How do I write this more general version of `Control.Monad.Writer.censor`?

Question

The standard Control.Monad.Writer.censor is dual to the standard Control.Monad.Reader.local, with censor modifying the writer state after the computation and local modifying the reader state before the computation:

censor :: (w -> w) -> Writer w a -> Writer w a
local  :: (r -> r) -> Reader r a -> Reader r a

However, the Reader and Writer monads are not entirely symmetric. Namely, a writer computation produces a result, in addition to a writer state, and I'm trying to write an alternative version of censor that takes advantage of this asymmetry. I want to write a function

censorWithResult :: (a -> w -> w) -> Writer w a -> Writer w a

which takes a transformer of type a -> w -> w that receives the result of the computation in addition to the writer state. I don't see how to write this function using tell, listen, and pass.

The precise behavior I expect of censorWithResult is that if

ma :: Writer w a
f  :: a -> w -> w

and

runWriter ma = (r , y)

then

runWriter (censorWithResult f ma) = (r , f r y)

whereas

runWriter (censor g ma) = (r , g y)

when g :: w -> w.

Example

This shouldn't be necessary to understand the question, but here's a simplified version of the motivating example:

import Control.Applicative
import Control.Monad.Writer

-- Call-trace data type for functions from 'Int' to 'Int'.
--
-- A 'Call x subs r' is for a call with argument 'x', sub calls
-- 'subs', and result 'r'.
data Trace = Call Int Forest Int
type Forest = [Trace]

-- A writer monad for capturing call traces.
type M a = Writer Forest a

-- Recursive traced negation function.
--
-- E.g. we expect that
--
--   runWriter (t 2) = (-2 , Call 2 [Call 1 [Call 0 [] 0] -1] -2)
t , n :: Int -> M Int
t x = trace n x
n x = if x <= 0 then pure 0 else subtract 1 <$> t (x - 1)

trace :: (Int -> M Int) -> (Int -> M Int)
trace h x = do
  censorWithResult (\r subs -> [Call x subs r]) (h x)

-- The idea is that if 'ma :: Writer w a' and 'runWriter ma = (r , y)'
-- then 'runWriter (censorWithResult f ma) = (r , f r y)'. I.e.,
-- 'censorWithResult' is like 'Control.Monad.Writer.censor', except it
-- has access to the result of the 'Writer' computation, in addition
-- to the written data.
censorWithResult :: (a -> w -> w) -> Writer w a -> Writer w a
censorWithResult = undefined

Answer 1

The precise behavior I expect of censorWithResult is that if

ma :: Writer w a
f  :: a -> w -> w

and

runWriter ma = (r , y)

then

runWriter (censorWithResult f ma) = (r , f r y)

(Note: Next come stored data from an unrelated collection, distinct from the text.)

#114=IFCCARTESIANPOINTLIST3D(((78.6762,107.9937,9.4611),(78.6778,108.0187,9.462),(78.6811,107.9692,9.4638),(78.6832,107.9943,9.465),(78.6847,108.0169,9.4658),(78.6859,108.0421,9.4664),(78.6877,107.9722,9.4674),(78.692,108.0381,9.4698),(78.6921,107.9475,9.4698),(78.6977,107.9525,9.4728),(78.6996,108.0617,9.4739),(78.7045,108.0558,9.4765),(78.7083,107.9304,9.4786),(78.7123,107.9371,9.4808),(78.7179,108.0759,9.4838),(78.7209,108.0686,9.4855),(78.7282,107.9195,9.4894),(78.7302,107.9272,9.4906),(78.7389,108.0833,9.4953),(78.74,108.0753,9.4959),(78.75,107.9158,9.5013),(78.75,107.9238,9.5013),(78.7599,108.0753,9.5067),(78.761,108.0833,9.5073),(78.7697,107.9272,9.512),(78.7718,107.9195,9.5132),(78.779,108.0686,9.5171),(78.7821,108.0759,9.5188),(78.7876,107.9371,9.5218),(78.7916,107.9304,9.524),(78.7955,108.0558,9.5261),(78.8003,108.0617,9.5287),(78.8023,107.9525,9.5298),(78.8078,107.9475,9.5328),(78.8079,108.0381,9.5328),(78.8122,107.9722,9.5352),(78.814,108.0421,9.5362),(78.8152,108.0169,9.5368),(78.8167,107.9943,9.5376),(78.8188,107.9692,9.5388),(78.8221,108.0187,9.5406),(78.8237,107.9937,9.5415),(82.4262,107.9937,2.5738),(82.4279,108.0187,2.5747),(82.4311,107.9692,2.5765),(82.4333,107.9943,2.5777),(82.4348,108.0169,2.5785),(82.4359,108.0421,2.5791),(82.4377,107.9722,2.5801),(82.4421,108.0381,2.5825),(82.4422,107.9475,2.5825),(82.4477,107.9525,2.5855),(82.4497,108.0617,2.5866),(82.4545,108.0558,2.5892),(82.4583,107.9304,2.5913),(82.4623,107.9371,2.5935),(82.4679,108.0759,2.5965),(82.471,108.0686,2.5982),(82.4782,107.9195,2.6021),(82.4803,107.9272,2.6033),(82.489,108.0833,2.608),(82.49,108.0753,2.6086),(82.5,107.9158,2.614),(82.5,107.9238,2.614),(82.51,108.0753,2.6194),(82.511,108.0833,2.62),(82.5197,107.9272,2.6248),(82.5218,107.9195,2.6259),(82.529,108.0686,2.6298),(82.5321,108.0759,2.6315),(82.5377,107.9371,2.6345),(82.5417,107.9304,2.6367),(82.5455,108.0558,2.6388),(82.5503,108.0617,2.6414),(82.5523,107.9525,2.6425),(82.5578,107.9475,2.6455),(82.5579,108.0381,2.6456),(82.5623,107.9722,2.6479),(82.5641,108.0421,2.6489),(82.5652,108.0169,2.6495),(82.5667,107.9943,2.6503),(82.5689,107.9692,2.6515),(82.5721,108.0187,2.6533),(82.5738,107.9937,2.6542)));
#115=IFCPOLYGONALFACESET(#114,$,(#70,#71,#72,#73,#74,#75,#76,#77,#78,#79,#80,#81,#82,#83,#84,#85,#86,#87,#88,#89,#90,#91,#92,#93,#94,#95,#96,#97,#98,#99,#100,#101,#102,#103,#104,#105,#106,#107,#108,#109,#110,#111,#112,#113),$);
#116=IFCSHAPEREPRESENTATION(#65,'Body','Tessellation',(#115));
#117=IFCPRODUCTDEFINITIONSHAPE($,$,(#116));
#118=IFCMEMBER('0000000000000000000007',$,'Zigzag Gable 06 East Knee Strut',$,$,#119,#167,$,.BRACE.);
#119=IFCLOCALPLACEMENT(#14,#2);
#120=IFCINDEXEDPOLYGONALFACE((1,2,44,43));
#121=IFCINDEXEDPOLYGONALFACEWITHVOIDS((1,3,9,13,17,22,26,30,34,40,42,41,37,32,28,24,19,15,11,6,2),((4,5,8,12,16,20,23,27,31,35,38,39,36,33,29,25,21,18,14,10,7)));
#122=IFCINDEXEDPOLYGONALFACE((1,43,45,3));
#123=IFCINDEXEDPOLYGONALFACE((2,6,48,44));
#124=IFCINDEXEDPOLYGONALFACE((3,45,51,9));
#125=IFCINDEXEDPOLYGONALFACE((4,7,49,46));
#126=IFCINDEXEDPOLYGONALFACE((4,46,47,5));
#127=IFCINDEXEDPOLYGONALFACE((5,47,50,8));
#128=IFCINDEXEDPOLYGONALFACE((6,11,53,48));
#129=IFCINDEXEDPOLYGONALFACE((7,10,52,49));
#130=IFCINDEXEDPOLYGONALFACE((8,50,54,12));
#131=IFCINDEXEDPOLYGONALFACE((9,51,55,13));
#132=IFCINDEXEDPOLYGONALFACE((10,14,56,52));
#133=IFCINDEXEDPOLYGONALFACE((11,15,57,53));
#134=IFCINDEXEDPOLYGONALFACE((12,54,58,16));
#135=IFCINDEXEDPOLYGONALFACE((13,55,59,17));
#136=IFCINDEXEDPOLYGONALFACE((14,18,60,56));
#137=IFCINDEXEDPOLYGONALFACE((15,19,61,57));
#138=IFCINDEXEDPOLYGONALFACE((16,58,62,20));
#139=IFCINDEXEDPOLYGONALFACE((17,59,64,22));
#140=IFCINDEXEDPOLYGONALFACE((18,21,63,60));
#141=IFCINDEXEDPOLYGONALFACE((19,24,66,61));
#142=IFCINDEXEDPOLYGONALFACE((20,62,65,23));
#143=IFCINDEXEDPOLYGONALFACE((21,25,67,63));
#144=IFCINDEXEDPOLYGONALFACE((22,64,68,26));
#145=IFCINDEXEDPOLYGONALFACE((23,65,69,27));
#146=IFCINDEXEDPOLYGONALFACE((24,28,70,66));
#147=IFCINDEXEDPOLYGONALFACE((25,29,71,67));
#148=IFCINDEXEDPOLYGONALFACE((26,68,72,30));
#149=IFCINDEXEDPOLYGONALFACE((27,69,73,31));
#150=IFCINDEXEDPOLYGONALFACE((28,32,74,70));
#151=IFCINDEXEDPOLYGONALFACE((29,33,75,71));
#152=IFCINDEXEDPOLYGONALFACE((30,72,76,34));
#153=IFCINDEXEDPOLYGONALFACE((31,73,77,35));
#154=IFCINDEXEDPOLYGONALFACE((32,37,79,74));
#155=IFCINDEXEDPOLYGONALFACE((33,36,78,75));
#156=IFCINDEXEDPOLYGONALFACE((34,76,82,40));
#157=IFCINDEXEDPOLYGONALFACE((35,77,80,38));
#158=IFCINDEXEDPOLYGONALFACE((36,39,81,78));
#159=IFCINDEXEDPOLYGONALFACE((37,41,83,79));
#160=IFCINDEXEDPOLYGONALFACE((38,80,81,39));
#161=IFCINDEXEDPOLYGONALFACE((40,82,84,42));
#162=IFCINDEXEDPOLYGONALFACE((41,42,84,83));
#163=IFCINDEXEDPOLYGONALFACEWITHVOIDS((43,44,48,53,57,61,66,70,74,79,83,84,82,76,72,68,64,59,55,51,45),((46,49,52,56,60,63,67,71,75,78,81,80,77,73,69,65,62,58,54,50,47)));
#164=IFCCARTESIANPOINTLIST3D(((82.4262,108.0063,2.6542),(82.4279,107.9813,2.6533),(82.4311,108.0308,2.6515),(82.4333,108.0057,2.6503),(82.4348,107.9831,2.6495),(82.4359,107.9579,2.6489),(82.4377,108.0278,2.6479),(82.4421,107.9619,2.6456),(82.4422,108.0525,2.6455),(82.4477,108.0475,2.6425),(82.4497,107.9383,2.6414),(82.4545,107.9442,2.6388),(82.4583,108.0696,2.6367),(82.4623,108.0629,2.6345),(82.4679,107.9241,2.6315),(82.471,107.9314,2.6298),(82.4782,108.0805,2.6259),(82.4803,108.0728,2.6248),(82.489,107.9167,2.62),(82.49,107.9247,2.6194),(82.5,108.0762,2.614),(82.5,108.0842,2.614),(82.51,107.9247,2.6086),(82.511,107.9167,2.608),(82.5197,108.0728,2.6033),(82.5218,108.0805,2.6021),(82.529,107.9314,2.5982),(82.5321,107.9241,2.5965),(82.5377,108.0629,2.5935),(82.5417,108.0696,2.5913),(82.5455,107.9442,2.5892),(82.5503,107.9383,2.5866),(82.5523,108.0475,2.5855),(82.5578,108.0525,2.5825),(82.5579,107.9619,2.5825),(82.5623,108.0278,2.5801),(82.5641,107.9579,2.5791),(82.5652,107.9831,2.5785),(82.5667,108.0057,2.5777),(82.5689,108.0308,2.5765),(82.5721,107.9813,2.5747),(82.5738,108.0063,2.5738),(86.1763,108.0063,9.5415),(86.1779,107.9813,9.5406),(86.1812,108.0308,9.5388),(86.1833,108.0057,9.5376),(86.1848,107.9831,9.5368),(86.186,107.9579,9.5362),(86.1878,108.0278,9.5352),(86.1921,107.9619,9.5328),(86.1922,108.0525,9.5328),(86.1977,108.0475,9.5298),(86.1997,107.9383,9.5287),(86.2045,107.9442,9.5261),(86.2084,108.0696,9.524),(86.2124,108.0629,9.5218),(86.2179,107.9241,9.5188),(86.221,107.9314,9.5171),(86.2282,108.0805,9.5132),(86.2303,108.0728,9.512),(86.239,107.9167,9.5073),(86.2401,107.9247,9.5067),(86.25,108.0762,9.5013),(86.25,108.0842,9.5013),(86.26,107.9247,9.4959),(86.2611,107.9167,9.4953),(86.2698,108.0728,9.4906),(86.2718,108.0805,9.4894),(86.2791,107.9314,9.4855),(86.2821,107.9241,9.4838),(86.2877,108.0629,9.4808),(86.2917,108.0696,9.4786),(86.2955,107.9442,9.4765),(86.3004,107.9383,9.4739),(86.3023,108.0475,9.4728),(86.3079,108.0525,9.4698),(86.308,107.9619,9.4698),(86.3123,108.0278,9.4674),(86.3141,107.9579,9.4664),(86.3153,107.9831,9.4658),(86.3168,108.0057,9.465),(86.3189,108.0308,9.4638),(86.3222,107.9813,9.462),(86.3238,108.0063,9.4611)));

Okay, let's do that, then. The only thing you need to know is that writer is a left inverse for runWriter. Then we get the following chain of equalities, first by appling writer to both sides, then by eliminating the left inverse.

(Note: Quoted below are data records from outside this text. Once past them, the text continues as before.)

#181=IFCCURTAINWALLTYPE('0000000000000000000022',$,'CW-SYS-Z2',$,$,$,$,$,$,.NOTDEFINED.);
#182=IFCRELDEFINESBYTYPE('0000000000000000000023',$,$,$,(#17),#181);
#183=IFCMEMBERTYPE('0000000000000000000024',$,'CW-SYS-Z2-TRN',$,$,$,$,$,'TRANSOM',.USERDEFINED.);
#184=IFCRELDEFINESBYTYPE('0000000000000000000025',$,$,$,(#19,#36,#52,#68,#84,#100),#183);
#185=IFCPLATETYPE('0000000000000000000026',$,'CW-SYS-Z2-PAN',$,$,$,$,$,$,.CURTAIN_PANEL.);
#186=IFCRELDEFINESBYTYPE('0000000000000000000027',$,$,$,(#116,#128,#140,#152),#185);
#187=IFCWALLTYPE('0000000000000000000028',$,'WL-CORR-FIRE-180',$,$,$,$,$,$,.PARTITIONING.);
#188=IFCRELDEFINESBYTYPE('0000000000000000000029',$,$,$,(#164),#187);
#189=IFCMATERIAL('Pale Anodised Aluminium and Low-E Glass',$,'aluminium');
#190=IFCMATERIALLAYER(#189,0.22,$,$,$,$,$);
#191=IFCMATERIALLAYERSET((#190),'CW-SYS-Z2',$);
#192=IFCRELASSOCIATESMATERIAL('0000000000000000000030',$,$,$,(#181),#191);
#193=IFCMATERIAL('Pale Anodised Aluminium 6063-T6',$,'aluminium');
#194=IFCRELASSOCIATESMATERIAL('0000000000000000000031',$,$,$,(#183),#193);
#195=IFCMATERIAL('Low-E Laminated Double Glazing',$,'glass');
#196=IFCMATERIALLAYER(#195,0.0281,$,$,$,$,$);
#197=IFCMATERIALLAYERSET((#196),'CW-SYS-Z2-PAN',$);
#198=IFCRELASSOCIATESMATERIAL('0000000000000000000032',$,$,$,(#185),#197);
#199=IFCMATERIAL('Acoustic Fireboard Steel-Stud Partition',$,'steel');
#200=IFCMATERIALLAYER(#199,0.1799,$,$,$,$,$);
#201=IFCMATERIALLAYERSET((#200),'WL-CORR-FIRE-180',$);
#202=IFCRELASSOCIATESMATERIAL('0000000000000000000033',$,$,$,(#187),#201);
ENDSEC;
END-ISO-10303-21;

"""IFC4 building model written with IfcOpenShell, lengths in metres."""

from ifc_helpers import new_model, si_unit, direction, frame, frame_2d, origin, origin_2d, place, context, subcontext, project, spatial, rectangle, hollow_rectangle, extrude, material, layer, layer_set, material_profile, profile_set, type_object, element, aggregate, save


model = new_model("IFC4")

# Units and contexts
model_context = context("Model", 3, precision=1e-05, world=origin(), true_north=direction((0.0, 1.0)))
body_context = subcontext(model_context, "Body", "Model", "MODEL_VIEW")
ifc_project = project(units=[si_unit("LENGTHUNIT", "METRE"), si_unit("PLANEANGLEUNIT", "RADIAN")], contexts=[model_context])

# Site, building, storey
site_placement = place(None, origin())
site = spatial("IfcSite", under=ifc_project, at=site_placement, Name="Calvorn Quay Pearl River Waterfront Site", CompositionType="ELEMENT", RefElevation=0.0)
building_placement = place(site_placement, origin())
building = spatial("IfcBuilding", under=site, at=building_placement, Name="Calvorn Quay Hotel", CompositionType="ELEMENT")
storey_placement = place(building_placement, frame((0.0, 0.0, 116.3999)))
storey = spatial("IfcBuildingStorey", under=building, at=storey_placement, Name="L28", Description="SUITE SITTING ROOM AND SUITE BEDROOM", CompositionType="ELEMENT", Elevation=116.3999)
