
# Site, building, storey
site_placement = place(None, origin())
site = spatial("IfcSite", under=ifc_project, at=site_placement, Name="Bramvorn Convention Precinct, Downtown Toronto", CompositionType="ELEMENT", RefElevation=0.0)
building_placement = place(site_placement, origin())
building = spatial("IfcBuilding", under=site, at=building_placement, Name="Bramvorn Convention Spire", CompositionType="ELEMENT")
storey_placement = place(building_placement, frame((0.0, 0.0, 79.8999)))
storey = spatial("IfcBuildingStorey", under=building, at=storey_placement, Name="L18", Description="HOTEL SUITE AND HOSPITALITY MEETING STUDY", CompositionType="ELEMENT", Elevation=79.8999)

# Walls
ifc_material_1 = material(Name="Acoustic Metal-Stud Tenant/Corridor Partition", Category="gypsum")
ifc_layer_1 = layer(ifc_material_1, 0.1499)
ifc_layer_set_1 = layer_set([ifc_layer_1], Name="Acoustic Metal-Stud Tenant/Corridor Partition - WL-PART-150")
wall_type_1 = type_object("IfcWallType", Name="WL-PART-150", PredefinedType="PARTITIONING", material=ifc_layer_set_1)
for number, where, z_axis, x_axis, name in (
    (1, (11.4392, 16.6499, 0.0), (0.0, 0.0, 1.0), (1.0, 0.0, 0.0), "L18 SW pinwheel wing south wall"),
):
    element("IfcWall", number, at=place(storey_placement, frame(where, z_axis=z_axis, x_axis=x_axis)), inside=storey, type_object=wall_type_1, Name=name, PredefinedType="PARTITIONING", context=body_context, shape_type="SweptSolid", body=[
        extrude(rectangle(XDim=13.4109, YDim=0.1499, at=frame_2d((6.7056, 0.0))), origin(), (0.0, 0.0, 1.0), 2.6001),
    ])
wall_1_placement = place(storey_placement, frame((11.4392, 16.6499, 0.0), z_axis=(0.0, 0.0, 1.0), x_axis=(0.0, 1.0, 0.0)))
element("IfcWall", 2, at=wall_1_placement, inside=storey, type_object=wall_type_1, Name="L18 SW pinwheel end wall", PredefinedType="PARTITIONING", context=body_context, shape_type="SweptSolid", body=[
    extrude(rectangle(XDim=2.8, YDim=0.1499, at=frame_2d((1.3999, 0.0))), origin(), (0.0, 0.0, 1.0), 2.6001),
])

        runWriter (censorWithResult f ma)  =        (r, f r y)
writer (runWriter (censorWithResult f ma)) = writer (r, f r y)
                   censorWithResult f ma   = writer (r, f r y)

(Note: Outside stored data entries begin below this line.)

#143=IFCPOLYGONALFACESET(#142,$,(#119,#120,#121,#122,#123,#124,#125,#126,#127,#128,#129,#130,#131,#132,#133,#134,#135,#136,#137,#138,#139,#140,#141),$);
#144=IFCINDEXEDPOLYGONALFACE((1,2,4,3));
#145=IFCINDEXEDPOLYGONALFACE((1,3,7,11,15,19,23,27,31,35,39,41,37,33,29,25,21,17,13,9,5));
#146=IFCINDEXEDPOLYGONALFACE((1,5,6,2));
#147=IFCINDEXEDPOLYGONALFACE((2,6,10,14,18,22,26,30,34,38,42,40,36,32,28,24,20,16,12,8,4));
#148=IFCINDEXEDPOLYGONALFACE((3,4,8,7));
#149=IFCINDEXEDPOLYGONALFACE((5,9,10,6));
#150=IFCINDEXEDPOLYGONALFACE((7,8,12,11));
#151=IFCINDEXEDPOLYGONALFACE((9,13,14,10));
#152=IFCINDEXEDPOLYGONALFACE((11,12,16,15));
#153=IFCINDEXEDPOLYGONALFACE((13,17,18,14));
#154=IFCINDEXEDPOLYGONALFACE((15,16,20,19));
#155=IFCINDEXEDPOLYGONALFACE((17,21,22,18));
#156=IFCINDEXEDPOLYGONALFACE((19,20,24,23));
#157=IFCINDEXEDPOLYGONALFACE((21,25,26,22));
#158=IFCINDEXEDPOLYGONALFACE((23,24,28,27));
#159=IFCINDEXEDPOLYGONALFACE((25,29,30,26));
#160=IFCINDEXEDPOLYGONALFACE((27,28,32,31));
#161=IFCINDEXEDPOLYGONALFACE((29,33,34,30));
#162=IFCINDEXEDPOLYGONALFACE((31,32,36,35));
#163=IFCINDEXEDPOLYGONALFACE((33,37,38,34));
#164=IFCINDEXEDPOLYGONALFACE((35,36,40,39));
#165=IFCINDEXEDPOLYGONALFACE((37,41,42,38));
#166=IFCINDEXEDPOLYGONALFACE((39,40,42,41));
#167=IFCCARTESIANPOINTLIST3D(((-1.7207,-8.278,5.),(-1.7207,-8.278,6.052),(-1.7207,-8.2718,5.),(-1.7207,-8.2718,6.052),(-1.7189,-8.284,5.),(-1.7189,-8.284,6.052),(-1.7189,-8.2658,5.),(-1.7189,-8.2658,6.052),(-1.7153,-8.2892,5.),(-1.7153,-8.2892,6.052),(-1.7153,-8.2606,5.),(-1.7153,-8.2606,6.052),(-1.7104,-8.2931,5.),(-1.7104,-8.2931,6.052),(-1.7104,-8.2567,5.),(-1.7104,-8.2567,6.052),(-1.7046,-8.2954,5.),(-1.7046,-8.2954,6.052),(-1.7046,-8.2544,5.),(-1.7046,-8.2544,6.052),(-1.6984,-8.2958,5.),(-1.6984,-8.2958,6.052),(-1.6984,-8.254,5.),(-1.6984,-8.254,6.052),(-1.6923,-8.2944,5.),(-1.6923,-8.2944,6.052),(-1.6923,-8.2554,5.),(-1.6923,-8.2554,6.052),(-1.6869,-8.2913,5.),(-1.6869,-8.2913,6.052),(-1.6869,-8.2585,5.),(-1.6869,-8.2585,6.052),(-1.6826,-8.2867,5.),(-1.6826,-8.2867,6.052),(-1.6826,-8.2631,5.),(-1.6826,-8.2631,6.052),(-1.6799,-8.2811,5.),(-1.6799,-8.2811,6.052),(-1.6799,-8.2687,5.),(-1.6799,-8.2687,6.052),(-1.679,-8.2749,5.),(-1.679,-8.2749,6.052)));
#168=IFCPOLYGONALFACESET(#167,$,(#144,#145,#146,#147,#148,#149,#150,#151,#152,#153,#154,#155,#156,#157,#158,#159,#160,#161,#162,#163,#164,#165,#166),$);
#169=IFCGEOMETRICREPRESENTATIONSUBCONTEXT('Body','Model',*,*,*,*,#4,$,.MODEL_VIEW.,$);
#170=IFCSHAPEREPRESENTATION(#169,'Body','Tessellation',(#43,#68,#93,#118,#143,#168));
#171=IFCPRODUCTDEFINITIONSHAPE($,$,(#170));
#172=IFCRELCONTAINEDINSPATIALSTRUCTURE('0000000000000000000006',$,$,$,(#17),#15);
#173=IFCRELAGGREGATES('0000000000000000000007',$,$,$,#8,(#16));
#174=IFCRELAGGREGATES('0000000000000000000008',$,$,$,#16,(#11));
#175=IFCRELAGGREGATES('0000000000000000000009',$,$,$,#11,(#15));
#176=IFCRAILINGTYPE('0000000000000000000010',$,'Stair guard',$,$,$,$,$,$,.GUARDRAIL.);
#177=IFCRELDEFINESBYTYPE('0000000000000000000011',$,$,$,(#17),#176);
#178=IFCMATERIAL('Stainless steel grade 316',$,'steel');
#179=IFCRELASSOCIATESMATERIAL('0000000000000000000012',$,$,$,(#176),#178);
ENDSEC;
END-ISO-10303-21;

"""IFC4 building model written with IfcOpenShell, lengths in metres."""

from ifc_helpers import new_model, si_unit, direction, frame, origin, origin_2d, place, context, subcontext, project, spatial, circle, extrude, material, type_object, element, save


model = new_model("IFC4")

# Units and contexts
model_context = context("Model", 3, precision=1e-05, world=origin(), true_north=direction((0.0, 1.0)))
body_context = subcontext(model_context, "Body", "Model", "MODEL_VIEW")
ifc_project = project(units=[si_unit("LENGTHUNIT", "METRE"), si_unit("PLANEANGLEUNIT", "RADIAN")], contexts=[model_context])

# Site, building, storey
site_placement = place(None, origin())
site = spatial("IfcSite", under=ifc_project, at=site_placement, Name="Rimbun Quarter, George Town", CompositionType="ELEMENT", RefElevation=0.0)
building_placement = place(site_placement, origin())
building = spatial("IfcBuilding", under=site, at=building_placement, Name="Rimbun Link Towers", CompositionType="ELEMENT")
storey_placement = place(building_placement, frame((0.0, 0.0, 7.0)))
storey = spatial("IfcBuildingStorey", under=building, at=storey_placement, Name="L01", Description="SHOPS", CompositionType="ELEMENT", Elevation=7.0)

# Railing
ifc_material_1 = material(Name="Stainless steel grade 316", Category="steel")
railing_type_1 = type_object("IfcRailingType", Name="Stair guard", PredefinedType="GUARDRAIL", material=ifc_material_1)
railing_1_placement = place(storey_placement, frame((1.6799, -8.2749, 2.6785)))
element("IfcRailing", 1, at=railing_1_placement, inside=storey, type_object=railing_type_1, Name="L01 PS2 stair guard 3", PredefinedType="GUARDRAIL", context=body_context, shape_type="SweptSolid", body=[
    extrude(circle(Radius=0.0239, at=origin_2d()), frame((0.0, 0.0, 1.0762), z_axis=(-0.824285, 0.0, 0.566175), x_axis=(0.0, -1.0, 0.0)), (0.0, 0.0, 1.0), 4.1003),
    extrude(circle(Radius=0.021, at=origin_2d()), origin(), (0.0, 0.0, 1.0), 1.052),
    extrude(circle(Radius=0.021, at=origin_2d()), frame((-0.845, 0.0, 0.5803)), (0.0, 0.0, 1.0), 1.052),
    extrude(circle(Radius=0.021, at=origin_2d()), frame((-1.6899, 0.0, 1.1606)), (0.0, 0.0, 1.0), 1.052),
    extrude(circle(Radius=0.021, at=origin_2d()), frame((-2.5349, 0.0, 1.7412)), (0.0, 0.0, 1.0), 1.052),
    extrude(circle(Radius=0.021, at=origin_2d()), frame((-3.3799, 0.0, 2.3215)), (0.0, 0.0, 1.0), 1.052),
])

The only thing we need to do now is plug in your equation runWriter ma = (r, y):

censorWithResult f ma = let (r, y) = runWriter ma in writer (r, f r y)

Ain't equational reasoning grand?

Answer 2

If we are allowed to use only tell, pass and listen, the only function that is able to access output is

-- | `pass m` is an action that executes the action `m`, which returns a value
-- and a function, and returns the value, applying the function to the output. 
pass :: (MonadWriter w m) => m (a, w -> w) -> m a

So for censorWithResult, we need to partially apply a given function of type a -> w -> w to get w -> w and handle it to pass. This can be accomplished as

censorWithResult :: (MonadWriter w m) => (a -> w -> w) -> m a -> m a
censorWithResult f m = pass $ do
    a <- m
    return (a, f a)

The action inside pass executes the given action, partially applies f to it and pass then modifies the output accordingly.